In the case of conventional power transistors, for example, the breakdown voltage Vbr(V) and the forward resistance Ron★A(Ωcm2) of the drift path depend on the one hand on the doping concentration of foreign substances in the drift path, and on the other hand on the length of the drift path, where Ron is the value of the resistance formed by the drift path, and A is the cross-sectional area of the resistance formed by the drift path. The expression drift path means that region in the semiconductor body of the semiconductor component across which the major proportion of the breakdown voltage is dropped.
A high doping concentration in the drift path and its short configuration lead to a low forward resistance, and to a low permissible reverse voltage. Conversely, a low doping concentration in the drift path and its long extent result in a high permissible reverse voltage and a high forward resistance. Against this background, the problem is to achieve a high permissible reverse voltage and a low forward resistance for high blocking capability semiconductor elements having a drift path.
This problem is partially solved by so-called compensation components, such as CoolMOS transistors, in which additional p-doped regions are arranged in the drift path such that, when in the forward-biased state, they do not significantly impede the current flow between the source electrode and the drain electrode, but largely compensate for the charge in the drift path when the space charge zone is in the reverse-biased state. The introduction of these additional p-doped regions with the opposite charge polarity to the drift path prevents the charges in the drift path from producing an excessively high electrical field. One disadvantage of this solution is that it is complex to produce such p-doped regions in an otherwise n-doped drift path.
DE 198 40 032 C1 discloses a modification of this compensation component, in which the doping in the drift path and/or in the compensation regions can be set such that, when reverse-biased, the electrical field has a profile which rises from both sides of the drift path. The maximum electrical field strength is thus not reached in the vicinity of one end of the drift path, but in its interior, for example approximately at the center. In the case of n-conductive components, for example, in the source-end area of the drift path, the p-doped compensation regions may be more highly doped for this purpose, while those in the drain-end area of the drift path may be more lightly doped than the n-doped drift path. This can be achieved not only by vertical variation of the doping in the compensation regions, but also by vertical variation of the doping in the drift path. Components such as these are distinguished by high avalanche resistance as well as a current load capacity in breakdown, and by increased tolerance to manufacturing fluctuations.

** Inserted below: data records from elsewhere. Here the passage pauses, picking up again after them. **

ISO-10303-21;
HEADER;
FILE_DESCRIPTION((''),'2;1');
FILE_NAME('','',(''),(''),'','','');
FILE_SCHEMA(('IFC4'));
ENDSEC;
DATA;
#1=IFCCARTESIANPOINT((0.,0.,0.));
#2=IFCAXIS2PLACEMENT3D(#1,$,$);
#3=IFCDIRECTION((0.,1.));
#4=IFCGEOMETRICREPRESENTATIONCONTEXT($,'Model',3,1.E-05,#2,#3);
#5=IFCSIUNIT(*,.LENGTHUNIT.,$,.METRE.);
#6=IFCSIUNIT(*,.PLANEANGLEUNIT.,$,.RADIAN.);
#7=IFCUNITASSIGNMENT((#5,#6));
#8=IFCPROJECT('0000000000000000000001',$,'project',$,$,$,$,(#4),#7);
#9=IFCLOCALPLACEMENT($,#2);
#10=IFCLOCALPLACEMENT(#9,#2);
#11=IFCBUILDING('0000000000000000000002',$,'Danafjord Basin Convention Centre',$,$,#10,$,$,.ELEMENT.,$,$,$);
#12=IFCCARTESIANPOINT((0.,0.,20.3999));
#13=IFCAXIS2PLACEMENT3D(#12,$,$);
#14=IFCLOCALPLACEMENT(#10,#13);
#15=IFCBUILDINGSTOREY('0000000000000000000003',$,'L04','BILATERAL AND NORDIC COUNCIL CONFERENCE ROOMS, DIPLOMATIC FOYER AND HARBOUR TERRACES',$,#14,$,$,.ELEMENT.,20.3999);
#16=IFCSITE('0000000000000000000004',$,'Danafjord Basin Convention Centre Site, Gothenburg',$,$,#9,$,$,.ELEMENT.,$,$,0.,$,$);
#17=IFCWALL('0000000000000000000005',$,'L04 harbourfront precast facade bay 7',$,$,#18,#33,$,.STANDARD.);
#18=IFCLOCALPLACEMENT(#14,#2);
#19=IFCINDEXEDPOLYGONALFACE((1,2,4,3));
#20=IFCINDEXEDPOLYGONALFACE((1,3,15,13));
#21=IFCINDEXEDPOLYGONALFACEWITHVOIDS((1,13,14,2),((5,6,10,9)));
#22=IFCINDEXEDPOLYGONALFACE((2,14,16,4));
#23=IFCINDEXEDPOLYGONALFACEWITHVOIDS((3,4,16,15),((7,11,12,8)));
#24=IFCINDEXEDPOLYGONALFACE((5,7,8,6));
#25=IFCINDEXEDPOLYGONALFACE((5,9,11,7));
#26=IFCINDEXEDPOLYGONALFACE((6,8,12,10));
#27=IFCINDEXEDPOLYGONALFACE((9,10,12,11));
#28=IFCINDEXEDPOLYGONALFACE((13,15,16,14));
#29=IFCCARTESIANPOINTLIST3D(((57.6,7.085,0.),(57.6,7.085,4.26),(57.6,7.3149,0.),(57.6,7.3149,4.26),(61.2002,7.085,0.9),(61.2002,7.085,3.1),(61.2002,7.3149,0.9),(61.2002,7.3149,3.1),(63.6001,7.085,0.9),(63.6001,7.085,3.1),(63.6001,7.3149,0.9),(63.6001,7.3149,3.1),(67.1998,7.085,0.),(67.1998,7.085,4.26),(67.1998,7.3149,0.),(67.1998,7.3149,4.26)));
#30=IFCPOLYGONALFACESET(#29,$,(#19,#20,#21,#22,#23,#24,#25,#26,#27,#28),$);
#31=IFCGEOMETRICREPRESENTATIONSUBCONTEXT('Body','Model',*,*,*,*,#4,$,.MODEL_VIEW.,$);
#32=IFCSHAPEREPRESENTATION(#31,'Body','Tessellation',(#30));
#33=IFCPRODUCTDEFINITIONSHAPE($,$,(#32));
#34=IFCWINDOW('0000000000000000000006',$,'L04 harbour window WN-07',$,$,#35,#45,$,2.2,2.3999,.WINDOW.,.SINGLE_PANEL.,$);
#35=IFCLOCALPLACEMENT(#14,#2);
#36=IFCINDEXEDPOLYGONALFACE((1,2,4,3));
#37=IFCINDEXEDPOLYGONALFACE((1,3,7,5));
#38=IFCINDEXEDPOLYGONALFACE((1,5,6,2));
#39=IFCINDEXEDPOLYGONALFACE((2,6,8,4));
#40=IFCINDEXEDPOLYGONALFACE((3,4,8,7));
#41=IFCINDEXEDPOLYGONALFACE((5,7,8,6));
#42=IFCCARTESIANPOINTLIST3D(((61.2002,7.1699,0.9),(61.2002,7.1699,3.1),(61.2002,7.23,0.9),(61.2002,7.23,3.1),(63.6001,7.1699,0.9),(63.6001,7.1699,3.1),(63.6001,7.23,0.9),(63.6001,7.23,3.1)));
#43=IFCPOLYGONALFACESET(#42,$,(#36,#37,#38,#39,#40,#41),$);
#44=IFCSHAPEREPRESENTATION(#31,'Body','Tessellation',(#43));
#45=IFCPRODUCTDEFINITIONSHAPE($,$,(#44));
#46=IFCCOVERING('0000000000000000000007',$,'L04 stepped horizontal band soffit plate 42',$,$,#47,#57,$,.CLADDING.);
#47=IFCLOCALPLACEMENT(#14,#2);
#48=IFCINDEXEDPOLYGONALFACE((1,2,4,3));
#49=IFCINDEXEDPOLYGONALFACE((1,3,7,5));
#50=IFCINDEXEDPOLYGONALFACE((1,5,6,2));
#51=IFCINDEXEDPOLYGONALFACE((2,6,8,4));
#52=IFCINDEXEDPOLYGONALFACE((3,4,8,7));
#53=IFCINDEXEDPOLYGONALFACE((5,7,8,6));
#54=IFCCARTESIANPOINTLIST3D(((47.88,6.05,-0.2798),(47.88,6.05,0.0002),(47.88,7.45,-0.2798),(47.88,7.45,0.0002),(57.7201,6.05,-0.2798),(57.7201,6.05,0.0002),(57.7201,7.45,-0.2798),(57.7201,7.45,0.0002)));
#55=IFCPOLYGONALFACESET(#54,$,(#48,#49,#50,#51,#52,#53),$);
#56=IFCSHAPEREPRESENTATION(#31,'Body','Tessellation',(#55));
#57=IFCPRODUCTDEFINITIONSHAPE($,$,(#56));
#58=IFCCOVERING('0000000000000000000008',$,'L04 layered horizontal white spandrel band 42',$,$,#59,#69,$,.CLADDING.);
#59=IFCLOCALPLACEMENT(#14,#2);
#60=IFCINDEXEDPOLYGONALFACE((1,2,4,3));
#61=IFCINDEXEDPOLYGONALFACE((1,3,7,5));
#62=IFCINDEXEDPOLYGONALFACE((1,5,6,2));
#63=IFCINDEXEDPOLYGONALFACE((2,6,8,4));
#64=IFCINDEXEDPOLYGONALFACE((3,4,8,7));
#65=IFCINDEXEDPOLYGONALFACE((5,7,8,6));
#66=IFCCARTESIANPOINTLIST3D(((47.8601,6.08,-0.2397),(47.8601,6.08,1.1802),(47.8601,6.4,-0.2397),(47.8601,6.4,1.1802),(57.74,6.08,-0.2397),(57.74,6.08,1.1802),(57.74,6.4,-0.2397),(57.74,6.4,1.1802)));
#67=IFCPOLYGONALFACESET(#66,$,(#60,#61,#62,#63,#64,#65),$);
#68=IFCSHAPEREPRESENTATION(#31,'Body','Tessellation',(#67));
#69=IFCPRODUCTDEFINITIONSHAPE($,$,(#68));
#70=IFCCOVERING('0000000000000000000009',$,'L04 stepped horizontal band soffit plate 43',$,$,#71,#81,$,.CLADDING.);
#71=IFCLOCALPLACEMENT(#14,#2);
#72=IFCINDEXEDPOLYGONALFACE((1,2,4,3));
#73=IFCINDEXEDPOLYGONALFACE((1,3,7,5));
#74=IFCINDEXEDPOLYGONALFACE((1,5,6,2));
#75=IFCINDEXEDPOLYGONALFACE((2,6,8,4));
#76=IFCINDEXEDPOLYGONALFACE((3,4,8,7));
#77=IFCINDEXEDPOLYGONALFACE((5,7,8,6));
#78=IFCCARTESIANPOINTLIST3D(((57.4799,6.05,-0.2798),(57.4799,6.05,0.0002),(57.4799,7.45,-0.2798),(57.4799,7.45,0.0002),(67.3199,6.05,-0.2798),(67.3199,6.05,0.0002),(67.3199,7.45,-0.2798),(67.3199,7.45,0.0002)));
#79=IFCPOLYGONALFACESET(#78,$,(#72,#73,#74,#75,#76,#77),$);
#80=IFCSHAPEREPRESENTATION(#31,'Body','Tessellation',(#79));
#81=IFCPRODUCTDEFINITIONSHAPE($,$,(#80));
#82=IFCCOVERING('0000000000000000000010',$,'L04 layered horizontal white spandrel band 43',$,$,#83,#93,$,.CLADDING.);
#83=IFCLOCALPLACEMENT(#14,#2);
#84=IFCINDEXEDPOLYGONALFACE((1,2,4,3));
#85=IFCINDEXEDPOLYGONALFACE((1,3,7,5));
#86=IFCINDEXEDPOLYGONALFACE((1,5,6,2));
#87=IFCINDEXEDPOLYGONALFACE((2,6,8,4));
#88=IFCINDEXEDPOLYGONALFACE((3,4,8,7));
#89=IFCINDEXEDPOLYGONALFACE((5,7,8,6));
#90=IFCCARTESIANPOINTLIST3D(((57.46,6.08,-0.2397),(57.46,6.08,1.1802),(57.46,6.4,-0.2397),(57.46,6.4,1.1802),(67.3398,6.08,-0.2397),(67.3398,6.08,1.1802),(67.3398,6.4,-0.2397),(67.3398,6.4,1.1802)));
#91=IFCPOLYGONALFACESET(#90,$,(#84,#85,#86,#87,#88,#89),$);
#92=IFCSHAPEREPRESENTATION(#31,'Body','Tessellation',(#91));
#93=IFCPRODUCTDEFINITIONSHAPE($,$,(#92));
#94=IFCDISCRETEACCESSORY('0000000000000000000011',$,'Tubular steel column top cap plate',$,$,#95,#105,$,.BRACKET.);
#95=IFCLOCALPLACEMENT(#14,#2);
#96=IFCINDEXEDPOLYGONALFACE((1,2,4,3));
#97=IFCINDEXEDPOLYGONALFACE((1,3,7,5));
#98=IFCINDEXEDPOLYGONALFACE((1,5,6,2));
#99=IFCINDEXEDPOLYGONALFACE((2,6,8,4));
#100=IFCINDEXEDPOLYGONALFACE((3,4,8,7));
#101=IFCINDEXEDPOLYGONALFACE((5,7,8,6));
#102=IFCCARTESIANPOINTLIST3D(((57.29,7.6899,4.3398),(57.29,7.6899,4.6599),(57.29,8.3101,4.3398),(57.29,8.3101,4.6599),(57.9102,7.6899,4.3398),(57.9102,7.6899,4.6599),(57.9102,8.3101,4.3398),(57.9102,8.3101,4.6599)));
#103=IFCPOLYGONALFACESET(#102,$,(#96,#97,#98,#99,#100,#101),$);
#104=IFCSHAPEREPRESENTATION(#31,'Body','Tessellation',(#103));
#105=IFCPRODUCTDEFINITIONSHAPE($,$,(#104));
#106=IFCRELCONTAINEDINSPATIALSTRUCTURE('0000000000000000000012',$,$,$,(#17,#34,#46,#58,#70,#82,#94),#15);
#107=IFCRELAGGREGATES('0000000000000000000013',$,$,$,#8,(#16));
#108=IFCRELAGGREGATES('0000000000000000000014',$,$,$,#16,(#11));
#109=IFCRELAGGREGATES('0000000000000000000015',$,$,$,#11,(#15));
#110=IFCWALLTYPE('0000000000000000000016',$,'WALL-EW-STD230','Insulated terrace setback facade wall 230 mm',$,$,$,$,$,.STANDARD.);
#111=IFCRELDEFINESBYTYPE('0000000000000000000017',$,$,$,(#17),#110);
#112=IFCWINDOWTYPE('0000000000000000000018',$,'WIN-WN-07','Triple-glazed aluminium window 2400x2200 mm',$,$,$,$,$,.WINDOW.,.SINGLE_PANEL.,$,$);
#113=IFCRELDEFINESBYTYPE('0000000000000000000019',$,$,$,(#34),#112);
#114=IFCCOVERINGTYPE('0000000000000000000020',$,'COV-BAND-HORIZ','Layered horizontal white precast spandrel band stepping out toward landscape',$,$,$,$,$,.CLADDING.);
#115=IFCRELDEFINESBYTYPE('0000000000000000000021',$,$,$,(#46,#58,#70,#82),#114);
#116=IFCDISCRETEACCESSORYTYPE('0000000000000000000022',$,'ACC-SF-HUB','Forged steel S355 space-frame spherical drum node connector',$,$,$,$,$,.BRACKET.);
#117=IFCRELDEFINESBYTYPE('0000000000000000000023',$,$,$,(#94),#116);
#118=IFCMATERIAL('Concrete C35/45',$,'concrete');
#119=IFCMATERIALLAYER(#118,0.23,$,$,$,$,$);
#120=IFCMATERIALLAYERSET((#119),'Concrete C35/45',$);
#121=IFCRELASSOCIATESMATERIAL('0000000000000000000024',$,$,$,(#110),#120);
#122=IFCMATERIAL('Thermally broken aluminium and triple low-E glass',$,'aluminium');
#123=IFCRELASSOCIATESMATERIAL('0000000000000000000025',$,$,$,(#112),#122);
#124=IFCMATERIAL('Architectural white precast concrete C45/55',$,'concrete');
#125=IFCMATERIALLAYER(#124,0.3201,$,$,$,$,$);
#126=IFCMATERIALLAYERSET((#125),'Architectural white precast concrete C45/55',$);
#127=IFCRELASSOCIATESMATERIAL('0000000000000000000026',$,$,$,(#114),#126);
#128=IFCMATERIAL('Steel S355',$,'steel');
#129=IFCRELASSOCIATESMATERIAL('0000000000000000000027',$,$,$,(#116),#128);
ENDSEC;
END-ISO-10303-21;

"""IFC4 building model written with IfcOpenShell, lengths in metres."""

from ifc_helpers import new_model, si_unit, direction, frame, frame_2d, origin, origin_2d, place, context, subcontext, project, spatial, rectangle, extrude, material, layer, layer_set, type_object, element, fill, save


model = new_model("IFC4")

# Units and contexts
model_context = context("Model", 3, precision=1e-05, world=origin(), true_north=direction((0.0, 1.0)))
body_context = subcontext(model_context, "Body", "Model", "MODEL_VIEW")
ifc_project = project(units=[si_unit("LENGTHUNIT", "METRE"), si_unit("PLANEANGLEUNIT", "RADIAN")], contexts=[model_context])

# Site, building, storey
site_placement = place(None, origin())
site = spatial("IfcSite", under=ifc_project, at=site_placement, Name="Danafjord Basin Convention Centre Site, Gothenburg", CompositionType="ELEMENT", RefElevation=0.0)
building_placement = place(site_placement, origin())
building = spatial("IfcBuilding", under=site, at=building_placement, Name="Danafjord Basin Convention Centre", CompositionType="ELEMENT")
storey_placement = place(building_placement, frame((0.0, 0.0, 20.3999)))
storey = spatial("IfcBuildingStorey", under=building, at=storey_placement, Name="L04", Description="BILATERAL AND NORDIC COUNCIL CONFERENCE ROOMS, DIPLOMATIC FOYER AND HARBOUR TERRACES", CompositionType="ELEMENT", Elevation=20.3999)

# Shared definitions
ifc_material_1 = material(Name="Steel S355", Category="steel")

# Wall, opening, window
ifc_material_2 = material(Name="Concrete C35/45", Category="concrete")
ifc_layer_1 = layer(ifc_material_2, 0.23)
ifc_layer_set_1 = layer_set([ifc_layer_1], Name="Concrete C35/45")
wall_type = type_object("IfcWallType", Name="WALL-EW-STD230", Description="Insulated terrace setback facade wall 230 mm", PredefinedType="STANDARD", material=ifc_layer_set_1)
wall_placement = place(storey_placement, frame((57.6001, 7.2, 0.0), z_axis=(0.0, 0.0, 1.0), x_axis=(1.0, 0.0, 0.0)))
wall = element("IfcWall", 1, at=wall_placement, inside=storey, type_object=wall_type, Name="L04 harbourfront precast facade bay 7", PredefinedType="STANDARD", context=body_context, shape_type="SweptSolid", body=[
    extrude(rectangle(XDim=9.5999, YDim=0.23, at=frame_2d((4.7998, 0.0))), origin(), (0.0, 0.0, 1.0), 4.26),
])
opening_placement = place(wall_placement, frame((3.6001, 0.0, 0.8999)))
opening = element("IfcOpeningElement", 2, at=opening_placement, cuts=wall, PredefinedType="OPENING", context=body_context, shape_type="SweptSolid", body=[
    extrude(rectangle(XDim=2.3999, YDim=2.2, at=frame_2d((1.2, 1.1001))), frame((0.0, 0.125, 0.0), z_axis=(0.0, -1.0, 0.0), x_axis=(1.0, 0.0, 0.0)), (0.0, 0.0, 1.0), 0.25),
])
ifc_material_3 = material(Name="Thermally broken aluminium and triple low-E glass", Category="aluminium")
window_type = type_object("IfcWindowType", Name="WIN-WN-07", Description="Triple-glazed aluminium window 2400x2200 mm", PartitioningType="SINGLE_PANEL", PredefinedType="WINDOW", material=ifc_material_3)
window_placement = place(opening_placement, origin())
window = element("IfcWindow", 3, at=window_placement, inside=storey, type_object=window_type, Name="L04 harbour window WN-07", OverallHeight=2.2, OverallWidth=2.3999, PartitioningType="SINGLE_PANEL", PredefinedType="WINDOW", context=body_context, shape_type="SweptSolid", body=[
    extrude(rectangle(XDim=2.3999, YDim=2.2, at=frame_2d((1.2, 1.1001))), frame((0.0, 0.03, 0.0), z_axis=(0.0, -1.0, 0.0), x_axis=(1.0, 0.0, 0.0)), (0.0, 0.0, 1.0), 0.0601),
])
fill(opening, window)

Nevertheless, the manufacturing effort remains considerable.
The document WO 02/067332A2 discloses a trench structure which is introduced into the drift path and whose walls have an insulating layer, with the trench structure being filled with a semi-insulating material, preferably polysilicon. This design makes it possible to improve the electrical field distribution in the drift path so as to allow heavier doping in the drift path without excessive field strength peaks occurring in the depth of the reverse-biased pn junction, which would reduce the blocking voltages. Oxides, preferably silicon oxides, are arranged on the trench walls as the dielectric insulation material. One disadvantage is that, when reverse-biased, a considerable leakage current can flow via the semi-insulating layer arranged in the drift path. This becomes greater the more effectively the semi-insulating layers in the trench structure influence the profile of the electrical field in the drift path.
Finally, US 2003/0047768 discloses the profile of the electrical field in the drift path being influenced with the aid of field plates, which are introduced into a trench structure, in such a way that heavier doping can be provided in the drift path. A field plate such as this can be arranged in a trench structure, such as it is isolated from its semiconductor body, in the case of vertical semiconductor components. However, the amount of effort for production of a semiconductor component such as this is relatively high. In addition, the required thickness of isolation layers between the semiconductor body of the semiconductor component and the field electrodes increases in proportion to the desired breakdown voltage. For this reason, this trench structure is sensibly applicable in practice in semiconductor components only up to maximum blocking voltages of 200 V.